A-Level in Media Studies
Media Studies is the kind of course in which students are very actively involved and, as a consequence, confidence and expertise can increase quite sharply. Practical work forms part of the course and students are given the opportunity to create their own cross-media production. We look at both traditional and new media and consider many of the big changes that have occurred in the media world and their impact on our lives.
Production work is 30% of the course and is delivered through an industry standard brief. You will have a choice of options and will then have to develop a product to meet the brief that’s been set.
This is fully practical and will see you involved in photography, graphic design, image manipulation, moving images, video editing, website production, radio broadcasting and film promotion.

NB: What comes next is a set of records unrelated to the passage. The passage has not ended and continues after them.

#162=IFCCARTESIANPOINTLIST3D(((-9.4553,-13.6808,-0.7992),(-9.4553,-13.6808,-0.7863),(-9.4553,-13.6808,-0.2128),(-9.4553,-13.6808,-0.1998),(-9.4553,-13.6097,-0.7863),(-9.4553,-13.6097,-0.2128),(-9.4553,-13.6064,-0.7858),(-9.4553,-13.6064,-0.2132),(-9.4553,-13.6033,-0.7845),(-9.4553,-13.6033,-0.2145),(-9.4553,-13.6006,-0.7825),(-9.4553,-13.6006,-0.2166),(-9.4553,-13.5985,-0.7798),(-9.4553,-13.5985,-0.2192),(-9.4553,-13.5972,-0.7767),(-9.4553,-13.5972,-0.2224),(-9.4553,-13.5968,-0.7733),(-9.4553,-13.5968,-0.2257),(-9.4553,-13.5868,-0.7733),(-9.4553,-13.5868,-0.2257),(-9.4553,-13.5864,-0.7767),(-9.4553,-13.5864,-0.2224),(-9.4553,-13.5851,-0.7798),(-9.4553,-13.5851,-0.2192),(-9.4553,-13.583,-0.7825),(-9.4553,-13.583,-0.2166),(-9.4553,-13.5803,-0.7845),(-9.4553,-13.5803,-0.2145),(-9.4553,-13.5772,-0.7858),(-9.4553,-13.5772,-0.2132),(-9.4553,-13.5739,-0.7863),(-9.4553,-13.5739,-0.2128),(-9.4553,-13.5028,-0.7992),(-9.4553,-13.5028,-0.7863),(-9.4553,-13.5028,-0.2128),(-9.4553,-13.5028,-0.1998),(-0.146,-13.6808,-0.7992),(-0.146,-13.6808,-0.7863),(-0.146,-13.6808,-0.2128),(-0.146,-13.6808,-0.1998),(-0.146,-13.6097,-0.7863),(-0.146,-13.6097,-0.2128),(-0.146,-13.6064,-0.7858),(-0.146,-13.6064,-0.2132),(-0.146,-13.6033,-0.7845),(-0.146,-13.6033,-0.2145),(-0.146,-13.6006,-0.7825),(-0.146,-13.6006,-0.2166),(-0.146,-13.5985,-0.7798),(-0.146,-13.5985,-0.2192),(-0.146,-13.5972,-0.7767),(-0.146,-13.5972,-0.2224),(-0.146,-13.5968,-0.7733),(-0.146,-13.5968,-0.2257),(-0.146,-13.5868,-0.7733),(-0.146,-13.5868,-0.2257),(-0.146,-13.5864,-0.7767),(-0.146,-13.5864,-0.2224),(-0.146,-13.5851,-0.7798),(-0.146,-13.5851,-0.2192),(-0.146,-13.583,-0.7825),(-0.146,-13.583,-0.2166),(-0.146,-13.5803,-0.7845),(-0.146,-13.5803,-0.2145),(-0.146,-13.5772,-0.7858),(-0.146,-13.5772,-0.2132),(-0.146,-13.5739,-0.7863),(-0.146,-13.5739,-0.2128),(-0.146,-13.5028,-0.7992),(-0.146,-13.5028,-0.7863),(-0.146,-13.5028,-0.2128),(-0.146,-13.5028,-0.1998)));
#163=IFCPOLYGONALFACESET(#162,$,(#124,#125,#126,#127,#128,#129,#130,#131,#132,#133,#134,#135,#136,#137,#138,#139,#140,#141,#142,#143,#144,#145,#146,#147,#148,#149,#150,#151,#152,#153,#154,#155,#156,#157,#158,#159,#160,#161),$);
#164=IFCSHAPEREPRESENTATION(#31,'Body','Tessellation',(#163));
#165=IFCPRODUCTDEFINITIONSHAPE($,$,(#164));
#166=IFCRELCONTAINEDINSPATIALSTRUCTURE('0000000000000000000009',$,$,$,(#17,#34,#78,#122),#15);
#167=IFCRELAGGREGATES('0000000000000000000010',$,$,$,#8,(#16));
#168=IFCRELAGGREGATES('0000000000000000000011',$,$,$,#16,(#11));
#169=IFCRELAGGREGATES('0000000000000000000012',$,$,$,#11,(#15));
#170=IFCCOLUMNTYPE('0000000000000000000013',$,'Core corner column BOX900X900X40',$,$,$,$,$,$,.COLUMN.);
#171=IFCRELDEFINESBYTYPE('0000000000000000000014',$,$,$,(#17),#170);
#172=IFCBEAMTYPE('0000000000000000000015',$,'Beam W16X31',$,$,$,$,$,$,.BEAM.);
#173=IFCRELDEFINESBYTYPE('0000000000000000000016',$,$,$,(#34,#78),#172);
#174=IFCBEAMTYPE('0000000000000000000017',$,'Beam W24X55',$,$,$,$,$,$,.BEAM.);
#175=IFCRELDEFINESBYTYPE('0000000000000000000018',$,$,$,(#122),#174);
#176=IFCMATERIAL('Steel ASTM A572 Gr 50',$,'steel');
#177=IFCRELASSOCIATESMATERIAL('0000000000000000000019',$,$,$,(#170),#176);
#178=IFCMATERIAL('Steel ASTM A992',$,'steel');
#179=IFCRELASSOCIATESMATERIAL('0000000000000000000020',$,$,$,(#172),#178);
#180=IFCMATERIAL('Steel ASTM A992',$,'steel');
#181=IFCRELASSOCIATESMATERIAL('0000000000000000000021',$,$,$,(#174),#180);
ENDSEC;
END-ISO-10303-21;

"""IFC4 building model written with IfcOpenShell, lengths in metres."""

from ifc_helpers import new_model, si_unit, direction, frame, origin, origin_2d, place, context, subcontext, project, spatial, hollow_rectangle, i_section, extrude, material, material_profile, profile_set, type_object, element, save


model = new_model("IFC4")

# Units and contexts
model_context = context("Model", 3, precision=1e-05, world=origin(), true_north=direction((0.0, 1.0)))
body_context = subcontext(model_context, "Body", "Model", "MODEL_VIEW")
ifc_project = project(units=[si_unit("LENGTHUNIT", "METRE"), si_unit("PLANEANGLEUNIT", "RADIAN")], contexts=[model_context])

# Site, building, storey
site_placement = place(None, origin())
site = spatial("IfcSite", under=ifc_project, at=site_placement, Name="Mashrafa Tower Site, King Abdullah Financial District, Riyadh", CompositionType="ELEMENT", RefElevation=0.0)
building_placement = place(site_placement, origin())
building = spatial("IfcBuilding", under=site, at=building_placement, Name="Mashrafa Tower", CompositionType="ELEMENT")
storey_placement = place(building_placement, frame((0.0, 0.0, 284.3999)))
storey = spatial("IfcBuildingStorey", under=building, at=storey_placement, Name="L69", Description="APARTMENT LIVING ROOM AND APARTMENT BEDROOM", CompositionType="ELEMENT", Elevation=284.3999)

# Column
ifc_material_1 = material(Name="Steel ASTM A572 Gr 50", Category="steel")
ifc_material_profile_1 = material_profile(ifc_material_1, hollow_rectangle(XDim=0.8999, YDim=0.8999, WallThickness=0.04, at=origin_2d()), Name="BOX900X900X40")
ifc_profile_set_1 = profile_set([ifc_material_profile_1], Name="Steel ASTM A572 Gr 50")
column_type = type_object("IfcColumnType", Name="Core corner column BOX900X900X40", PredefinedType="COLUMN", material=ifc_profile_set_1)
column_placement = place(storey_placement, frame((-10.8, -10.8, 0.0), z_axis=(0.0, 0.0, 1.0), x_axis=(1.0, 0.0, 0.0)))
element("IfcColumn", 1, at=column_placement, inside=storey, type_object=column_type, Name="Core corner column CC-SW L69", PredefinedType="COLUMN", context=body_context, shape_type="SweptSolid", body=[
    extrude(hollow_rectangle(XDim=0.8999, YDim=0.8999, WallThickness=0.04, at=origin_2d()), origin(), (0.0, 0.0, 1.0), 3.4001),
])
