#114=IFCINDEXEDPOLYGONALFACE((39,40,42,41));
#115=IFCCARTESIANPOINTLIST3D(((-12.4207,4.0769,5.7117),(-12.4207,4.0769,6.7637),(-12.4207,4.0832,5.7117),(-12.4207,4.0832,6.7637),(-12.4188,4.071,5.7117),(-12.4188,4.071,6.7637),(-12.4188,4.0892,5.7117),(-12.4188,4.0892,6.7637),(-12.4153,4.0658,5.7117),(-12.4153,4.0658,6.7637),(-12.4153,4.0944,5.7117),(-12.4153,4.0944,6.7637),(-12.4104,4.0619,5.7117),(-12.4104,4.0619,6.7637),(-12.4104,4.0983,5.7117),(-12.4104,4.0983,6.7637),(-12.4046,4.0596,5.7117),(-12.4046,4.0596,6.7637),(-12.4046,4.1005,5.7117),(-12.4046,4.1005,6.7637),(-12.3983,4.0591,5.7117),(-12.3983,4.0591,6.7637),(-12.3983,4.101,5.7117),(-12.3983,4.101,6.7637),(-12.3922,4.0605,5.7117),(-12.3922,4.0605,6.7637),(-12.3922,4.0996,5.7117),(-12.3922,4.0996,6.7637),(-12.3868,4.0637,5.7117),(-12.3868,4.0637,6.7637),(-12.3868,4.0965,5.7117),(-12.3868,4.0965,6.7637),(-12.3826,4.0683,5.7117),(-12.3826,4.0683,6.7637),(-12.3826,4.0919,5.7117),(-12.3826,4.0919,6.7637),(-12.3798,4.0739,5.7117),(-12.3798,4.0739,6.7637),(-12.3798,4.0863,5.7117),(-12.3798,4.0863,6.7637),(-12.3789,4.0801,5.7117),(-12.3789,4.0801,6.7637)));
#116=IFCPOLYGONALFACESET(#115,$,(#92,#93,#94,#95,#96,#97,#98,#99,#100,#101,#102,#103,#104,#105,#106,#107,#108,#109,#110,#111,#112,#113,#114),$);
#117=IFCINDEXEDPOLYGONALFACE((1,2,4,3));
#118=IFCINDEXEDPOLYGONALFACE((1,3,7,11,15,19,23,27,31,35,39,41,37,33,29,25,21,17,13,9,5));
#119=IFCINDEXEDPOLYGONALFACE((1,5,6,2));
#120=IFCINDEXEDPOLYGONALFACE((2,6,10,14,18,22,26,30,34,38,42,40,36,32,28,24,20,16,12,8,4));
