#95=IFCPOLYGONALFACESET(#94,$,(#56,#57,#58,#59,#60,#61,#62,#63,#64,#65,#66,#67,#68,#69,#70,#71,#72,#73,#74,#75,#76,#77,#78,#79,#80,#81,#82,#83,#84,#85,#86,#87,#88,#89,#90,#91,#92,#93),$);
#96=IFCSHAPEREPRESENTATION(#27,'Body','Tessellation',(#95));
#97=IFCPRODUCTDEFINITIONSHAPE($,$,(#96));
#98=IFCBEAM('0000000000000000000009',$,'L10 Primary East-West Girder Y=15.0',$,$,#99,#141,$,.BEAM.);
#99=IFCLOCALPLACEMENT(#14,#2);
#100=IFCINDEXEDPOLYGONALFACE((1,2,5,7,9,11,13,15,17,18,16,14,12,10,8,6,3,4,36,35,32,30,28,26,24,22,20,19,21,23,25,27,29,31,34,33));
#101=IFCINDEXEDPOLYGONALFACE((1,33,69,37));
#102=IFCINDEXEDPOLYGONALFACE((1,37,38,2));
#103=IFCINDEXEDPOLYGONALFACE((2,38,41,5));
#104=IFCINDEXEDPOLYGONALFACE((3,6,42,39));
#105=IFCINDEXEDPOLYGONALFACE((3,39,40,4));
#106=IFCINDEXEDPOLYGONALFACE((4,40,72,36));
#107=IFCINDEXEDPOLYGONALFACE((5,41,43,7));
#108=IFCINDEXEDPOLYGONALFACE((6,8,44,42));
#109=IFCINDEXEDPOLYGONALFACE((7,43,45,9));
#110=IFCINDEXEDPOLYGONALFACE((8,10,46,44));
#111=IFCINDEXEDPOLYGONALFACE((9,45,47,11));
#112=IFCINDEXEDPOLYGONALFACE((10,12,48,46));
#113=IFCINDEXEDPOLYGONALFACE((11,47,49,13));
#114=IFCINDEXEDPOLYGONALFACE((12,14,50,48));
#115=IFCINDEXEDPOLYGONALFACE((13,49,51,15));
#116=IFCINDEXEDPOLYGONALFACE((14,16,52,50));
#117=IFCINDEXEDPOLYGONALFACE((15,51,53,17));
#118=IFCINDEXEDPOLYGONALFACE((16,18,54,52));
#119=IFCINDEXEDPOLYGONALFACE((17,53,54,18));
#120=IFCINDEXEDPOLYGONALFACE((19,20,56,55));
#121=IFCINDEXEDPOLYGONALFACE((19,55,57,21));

You choose the brief and the media technologies to play to your strengths and interest – a real selling point of the course we think.
The remaining 70% of the course is assessed via examination. Everything in Media Studies A Level fall into four main areas of study – language, representation, audience and industry so this means that whatever you’re learning about will be able to be related to one of these four concepts in some way. This applies to your own practical work as well.
You study a wide range of media forms – marketing, music videos, film industry, video games, radio, newspapers, TV, magazines and online media. Within these we have set texts to apply the media concepts to, so for example in the TV unit we might be asked to study Peaky Blinders, in the magazines unit we might like at a historical women’s magazine from the 1950’s and in music videos Beyonce’s ‘Formation’. These set texts are then supplemented with products that we choose ourselves to ensure that you are looking at a wide range of products and seeing a variety of styles – some mainstream, some not. Students tell us they really like this variety.